As commodity pricing resets to $50.00/$3.00 ($49.62 WTI/$2.99 NYMEX as of the close on March 9, 2017), I think now is an appropriate time to break out a data workbook I've been analyzing for several months in anticipation of oil pricing/volatility reflating spatial risk. Since Q3 2016, I've tracked a general, indiscriminate risk-deflation taking place across all risk tranches of the Energy Complex, inclusive of the stressed space (i.e., inclusive of CCC-rated credit).
The general risk-deflation, which refers to valuation-multiple expansion across a space on a widespread, generally indiscriminate basis (also referred to as a "valuation-reflation"), has been most apparent in the high-yield bond markets. That's where even CCC-rated credits have seen junior debt (referring to debt without apparent value-recovery claim in a restructuring) trading to par (i.e., 100 cents on the dollar). Sometimes, although not entirely accurate in all instances, the above dynamic can be generally described as a "bubble."

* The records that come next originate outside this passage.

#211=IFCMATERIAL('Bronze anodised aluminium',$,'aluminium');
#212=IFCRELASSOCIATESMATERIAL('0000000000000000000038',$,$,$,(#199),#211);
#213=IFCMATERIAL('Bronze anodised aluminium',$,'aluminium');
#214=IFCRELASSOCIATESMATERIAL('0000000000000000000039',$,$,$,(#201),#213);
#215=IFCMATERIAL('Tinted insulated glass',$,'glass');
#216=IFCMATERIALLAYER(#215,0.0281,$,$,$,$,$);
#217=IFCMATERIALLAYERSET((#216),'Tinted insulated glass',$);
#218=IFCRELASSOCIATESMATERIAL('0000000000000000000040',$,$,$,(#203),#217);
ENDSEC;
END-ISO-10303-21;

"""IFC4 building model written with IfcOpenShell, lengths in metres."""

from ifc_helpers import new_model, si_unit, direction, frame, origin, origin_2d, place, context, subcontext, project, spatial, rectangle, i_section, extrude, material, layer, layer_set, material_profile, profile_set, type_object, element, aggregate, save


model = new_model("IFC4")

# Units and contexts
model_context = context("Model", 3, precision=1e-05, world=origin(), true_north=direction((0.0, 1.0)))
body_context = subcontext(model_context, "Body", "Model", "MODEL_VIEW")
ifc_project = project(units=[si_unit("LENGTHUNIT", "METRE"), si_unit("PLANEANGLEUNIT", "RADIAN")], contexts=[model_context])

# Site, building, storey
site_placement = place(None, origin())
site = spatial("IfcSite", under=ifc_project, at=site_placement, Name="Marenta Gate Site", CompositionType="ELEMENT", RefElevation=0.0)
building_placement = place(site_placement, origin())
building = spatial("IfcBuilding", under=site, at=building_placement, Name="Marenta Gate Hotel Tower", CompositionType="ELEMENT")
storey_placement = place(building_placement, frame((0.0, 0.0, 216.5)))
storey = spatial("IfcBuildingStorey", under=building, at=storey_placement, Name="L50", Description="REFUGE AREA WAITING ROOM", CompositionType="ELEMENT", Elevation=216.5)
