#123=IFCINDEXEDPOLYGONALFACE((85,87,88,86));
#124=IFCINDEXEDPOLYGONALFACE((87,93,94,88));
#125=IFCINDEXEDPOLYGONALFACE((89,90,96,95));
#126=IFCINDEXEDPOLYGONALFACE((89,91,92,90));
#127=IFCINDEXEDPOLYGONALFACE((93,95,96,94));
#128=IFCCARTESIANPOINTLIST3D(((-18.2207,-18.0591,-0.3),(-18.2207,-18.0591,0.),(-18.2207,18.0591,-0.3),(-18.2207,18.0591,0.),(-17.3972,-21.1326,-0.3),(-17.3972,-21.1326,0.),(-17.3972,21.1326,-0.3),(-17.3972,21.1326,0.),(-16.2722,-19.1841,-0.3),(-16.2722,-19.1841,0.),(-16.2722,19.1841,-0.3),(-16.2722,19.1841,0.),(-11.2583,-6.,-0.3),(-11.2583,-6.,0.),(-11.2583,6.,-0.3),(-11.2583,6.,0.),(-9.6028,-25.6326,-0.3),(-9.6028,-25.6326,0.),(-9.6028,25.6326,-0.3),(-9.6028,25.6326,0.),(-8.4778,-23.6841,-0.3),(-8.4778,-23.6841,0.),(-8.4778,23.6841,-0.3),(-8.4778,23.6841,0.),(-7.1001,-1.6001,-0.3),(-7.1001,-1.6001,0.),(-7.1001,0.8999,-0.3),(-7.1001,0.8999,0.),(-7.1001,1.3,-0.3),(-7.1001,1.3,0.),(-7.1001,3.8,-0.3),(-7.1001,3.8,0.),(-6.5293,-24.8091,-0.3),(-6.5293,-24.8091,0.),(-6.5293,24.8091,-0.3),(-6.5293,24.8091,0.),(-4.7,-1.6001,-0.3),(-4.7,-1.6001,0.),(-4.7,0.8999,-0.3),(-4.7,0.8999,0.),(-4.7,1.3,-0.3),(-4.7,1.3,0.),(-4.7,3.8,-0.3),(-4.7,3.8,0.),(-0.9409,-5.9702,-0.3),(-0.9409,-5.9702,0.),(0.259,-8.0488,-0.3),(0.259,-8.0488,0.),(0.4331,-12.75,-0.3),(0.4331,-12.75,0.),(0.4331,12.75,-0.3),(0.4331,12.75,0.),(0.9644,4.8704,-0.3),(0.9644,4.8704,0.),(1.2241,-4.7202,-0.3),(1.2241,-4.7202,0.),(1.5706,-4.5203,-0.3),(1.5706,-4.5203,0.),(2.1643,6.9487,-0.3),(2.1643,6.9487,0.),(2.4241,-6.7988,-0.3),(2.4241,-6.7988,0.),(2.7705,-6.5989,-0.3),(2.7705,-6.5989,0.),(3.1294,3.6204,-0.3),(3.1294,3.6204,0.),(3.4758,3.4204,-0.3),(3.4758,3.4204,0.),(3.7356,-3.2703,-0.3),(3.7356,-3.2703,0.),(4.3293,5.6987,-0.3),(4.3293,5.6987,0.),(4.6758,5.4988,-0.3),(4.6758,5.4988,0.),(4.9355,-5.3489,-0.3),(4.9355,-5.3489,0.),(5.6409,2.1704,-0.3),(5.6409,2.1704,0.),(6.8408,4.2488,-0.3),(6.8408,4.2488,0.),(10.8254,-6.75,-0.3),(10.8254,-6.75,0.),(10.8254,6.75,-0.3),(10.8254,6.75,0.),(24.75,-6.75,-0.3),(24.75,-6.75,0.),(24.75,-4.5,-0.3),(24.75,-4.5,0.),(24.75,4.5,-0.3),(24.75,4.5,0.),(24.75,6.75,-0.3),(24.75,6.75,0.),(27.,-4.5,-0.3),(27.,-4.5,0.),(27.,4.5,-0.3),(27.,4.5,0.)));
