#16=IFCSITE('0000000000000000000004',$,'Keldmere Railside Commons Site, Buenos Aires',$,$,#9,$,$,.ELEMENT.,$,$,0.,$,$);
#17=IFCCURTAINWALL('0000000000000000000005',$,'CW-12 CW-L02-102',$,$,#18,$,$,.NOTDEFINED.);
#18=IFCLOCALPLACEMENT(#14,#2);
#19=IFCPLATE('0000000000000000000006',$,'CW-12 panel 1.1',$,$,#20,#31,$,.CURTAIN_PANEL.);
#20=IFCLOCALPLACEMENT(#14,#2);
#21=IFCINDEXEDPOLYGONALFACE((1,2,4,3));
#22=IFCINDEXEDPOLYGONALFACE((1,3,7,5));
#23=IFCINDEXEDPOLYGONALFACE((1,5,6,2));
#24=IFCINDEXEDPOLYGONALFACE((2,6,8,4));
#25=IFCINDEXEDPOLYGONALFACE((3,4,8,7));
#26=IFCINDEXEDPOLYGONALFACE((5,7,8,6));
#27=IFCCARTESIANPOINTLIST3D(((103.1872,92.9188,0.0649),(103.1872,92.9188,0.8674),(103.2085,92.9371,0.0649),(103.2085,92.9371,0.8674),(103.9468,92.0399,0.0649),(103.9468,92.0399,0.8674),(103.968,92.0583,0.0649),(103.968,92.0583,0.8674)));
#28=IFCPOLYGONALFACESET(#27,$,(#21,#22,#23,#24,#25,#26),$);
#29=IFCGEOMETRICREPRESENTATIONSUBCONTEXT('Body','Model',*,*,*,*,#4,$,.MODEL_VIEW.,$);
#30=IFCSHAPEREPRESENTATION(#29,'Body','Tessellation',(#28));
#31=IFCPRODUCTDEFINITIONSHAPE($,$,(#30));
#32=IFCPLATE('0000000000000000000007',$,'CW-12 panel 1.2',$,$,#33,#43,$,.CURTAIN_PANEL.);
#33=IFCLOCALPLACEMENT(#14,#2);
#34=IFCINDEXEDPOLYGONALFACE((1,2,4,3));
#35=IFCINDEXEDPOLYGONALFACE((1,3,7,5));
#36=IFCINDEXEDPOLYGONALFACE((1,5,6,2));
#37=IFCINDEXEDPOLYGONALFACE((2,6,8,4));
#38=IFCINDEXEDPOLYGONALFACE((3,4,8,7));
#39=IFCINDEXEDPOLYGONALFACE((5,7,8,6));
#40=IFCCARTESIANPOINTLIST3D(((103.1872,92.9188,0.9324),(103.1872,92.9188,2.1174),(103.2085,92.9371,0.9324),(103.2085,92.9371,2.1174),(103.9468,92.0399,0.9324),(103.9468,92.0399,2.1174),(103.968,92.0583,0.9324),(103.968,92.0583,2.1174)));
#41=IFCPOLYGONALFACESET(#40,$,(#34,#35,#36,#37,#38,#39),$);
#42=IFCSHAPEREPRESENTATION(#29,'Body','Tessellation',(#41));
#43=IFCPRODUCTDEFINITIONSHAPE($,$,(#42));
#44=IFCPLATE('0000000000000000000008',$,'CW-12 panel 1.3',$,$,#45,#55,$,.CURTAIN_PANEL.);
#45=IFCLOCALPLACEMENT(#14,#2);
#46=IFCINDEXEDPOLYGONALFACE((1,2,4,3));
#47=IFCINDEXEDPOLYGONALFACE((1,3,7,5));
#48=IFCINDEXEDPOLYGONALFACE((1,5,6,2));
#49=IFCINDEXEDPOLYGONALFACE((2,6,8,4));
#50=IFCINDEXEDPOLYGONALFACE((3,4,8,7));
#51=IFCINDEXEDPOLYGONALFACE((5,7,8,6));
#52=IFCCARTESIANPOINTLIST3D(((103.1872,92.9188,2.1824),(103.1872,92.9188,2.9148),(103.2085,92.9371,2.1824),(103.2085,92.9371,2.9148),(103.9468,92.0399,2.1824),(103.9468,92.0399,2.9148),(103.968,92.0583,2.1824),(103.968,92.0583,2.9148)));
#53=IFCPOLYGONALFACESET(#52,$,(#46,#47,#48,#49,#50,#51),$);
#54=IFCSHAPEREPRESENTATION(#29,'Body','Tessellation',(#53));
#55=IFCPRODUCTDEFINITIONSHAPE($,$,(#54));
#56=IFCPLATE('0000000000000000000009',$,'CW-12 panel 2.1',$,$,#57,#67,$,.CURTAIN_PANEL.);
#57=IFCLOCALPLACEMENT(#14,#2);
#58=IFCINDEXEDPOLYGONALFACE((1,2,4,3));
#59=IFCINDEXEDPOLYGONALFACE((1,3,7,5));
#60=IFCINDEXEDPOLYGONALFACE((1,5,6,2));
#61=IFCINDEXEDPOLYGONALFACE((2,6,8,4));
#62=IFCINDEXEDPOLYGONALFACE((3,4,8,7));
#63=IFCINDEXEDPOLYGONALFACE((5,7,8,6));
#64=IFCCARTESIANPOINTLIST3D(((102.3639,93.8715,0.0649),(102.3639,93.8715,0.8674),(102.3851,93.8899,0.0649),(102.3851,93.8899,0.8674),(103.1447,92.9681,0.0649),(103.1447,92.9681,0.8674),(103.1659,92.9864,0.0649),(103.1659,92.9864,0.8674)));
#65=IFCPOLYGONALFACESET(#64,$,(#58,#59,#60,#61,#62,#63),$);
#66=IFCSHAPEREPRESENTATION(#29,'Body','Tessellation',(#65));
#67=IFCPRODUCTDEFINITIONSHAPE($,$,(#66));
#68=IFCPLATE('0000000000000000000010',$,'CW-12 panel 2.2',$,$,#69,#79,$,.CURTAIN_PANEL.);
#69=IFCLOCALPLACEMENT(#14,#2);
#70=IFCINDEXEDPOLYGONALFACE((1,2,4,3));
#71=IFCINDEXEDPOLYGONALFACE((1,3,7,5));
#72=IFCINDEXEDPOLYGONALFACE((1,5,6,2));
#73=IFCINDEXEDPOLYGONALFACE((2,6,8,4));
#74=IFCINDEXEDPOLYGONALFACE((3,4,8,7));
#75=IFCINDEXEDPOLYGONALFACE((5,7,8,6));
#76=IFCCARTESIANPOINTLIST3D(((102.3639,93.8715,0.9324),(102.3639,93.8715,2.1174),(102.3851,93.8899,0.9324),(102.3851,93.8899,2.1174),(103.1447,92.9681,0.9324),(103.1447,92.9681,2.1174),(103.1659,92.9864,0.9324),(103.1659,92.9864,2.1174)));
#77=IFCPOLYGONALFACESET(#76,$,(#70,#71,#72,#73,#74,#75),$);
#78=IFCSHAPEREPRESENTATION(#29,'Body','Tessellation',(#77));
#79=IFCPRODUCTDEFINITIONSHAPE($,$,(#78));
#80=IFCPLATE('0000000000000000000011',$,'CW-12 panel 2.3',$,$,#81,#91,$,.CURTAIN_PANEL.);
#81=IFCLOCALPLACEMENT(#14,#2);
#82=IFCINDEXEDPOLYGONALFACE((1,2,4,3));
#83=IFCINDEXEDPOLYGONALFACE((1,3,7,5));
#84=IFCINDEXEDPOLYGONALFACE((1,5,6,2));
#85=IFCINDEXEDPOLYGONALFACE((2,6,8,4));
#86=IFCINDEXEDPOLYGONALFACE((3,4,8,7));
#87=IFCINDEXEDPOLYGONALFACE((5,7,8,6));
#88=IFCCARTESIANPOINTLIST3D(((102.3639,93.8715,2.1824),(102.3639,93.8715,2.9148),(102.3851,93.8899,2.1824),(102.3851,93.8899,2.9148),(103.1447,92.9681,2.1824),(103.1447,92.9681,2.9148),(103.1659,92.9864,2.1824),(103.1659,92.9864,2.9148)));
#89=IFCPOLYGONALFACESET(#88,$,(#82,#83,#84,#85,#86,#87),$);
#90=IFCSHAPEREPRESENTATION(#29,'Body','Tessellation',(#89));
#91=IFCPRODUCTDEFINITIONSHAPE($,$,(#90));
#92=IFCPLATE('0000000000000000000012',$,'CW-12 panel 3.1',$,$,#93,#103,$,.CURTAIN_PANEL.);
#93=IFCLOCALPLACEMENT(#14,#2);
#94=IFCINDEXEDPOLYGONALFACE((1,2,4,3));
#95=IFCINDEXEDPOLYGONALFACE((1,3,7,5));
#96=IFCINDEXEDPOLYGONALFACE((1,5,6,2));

This dynamic has taken place, by the way, not into a progressively higher oil and/or natural gas pricing deck - but into one that has simply stabilized. It should be noted that the described "oil pricing stabilization" has taken place at pricing levels that still call for many Energy Complex names to routinely financially engineer obligation-tethered cash outflows, general liquidity, and/or capex balances.

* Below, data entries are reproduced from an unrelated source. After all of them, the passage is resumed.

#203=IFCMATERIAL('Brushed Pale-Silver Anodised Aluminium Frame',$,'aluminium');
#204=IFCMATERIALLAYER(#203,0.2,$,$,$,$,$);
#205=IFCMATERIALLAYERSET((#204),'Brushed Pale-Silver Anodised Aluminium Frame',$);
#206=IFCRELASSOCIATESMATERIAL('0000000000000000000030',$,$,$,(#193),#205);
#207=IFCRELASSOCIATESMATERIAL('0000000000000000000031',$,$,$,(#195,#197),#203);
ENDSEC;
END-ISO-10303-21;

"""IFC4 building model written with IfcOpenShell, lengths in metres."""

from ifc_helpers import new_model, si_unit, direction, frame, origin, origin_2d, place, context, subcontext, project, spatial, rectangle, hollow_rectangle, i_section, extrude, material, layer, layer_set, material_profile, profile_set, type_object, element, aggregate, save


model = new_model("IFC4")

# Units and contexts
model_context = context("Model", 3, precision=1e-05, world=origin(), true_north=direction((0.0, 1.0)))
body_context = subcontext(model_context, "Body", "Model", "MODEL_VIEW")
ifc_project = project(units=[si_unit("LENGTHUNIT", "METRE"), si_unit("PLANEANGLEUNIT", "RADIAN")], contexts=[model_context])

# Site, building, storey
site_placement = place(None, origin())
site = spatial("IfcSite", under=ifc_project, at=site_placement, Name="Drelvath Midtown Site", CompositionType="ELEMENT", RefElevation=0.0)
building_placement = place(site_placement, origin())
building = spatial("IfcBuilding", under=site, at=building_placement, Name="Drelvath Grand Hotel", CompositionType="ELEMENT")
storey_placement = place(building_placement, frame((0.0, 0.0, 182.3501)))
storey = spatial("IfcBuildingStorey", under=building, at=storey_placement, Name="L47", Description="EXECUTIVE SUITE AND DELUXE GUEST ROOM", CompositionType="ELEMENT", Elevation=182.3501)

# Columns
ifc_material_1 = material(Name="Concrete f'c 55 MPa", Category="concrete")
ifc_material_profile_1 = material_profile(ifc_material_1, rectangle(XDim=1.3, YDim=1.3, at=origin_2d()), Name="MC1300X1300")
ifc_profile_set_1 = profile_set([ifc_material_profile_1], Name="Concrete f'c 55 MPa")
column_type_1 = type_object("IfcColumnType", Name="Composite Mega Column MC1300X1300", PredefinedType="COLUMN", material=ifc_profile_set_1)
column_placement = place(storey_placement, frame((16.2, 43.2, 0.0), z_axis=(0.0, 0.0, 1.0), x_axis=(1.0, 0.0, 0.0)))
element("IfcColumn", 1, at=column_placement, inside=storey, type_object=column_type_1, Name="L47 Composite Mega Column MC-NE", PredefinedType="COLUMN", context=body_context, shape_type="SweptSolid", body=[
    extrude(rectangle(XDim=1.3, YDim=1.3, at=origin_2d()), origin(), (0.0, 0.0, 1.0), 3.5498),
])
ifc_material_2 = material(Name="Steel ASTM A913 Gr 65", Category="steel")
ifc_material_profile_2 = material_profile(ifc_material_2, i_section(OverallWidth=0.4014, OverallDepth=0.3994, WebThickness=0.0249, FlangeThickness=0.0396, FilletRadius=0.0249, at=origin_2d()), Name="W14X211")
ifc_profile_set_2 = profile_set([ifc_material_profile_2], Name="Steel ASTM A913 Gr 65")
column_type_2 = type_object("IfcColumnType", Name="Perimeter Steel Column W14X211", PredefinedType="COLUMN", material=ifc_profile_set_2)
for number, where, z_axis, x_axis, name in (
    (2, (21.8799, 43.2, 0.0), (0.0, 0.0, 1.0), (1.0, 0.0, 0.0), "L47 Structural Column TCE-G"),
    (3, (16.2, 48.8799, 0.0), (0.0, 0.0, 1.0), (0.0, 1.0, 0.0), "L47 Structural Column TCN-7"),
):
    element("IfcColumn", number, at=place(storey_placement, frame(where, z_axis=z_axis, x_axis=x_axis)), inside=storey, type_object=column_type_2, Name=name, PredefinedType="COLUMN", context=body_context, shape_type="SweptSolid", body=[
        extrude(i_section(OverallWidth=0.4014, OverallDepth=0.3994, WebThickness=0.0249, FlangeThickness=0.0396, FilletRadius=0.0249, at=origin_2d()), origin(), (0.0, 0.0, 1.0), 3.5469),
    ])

Given the circumstances providing the foundation of the overall dynamic - the indiscriminate risk-deflation - there could be a capital destructive unwind to the valuation-reflation having taken place. Some names - notably (but not exclusively) Marcellus and Utica-based E&Ps - have already experienced dramatic drawdowns to debt and equity pricing. All names modeled and all stress-data modeled can be viewed on a point-by-point basis - for specificity - via a link provided below. For brevity (and due to platform constraints), I'll refrain from addressing any particular name within this article.
Based on my observations, presented below, we're likely looking at a dynamic of winners and losers on a go-forward basis - at least for the midterm. Put another way, if an investor is exposed to an Energy Complex enterprise that has seen a valuation-reflation simply as a result of valuation-multiple expansion, the investor is going to find this out quickly and in a punitive fashion.
I would recommend market participants assess 1) the defensive capacity of each Energy Complex investment (i.e., how tethered the enterprise is to commodity pricing), 2) what optionality the investment's capital structure has in destressing efforts, should it come to that, and 3) what distance the investment is to covenants and/or any other default triggers (as well as what remedies the enterprise has for curing any deficiency). I would highly recommend a top-down (i.e., capital-structure-down) analysis, given the uncertainty into future pricing decks.
Notes on the Charts Below
- Data points are comprised of the 95 Energy Complex names within the ATLAS SandDance Index.
- Data points are clustered into a uniform grid of hexagons that effectively structure statistical bins expressing risk.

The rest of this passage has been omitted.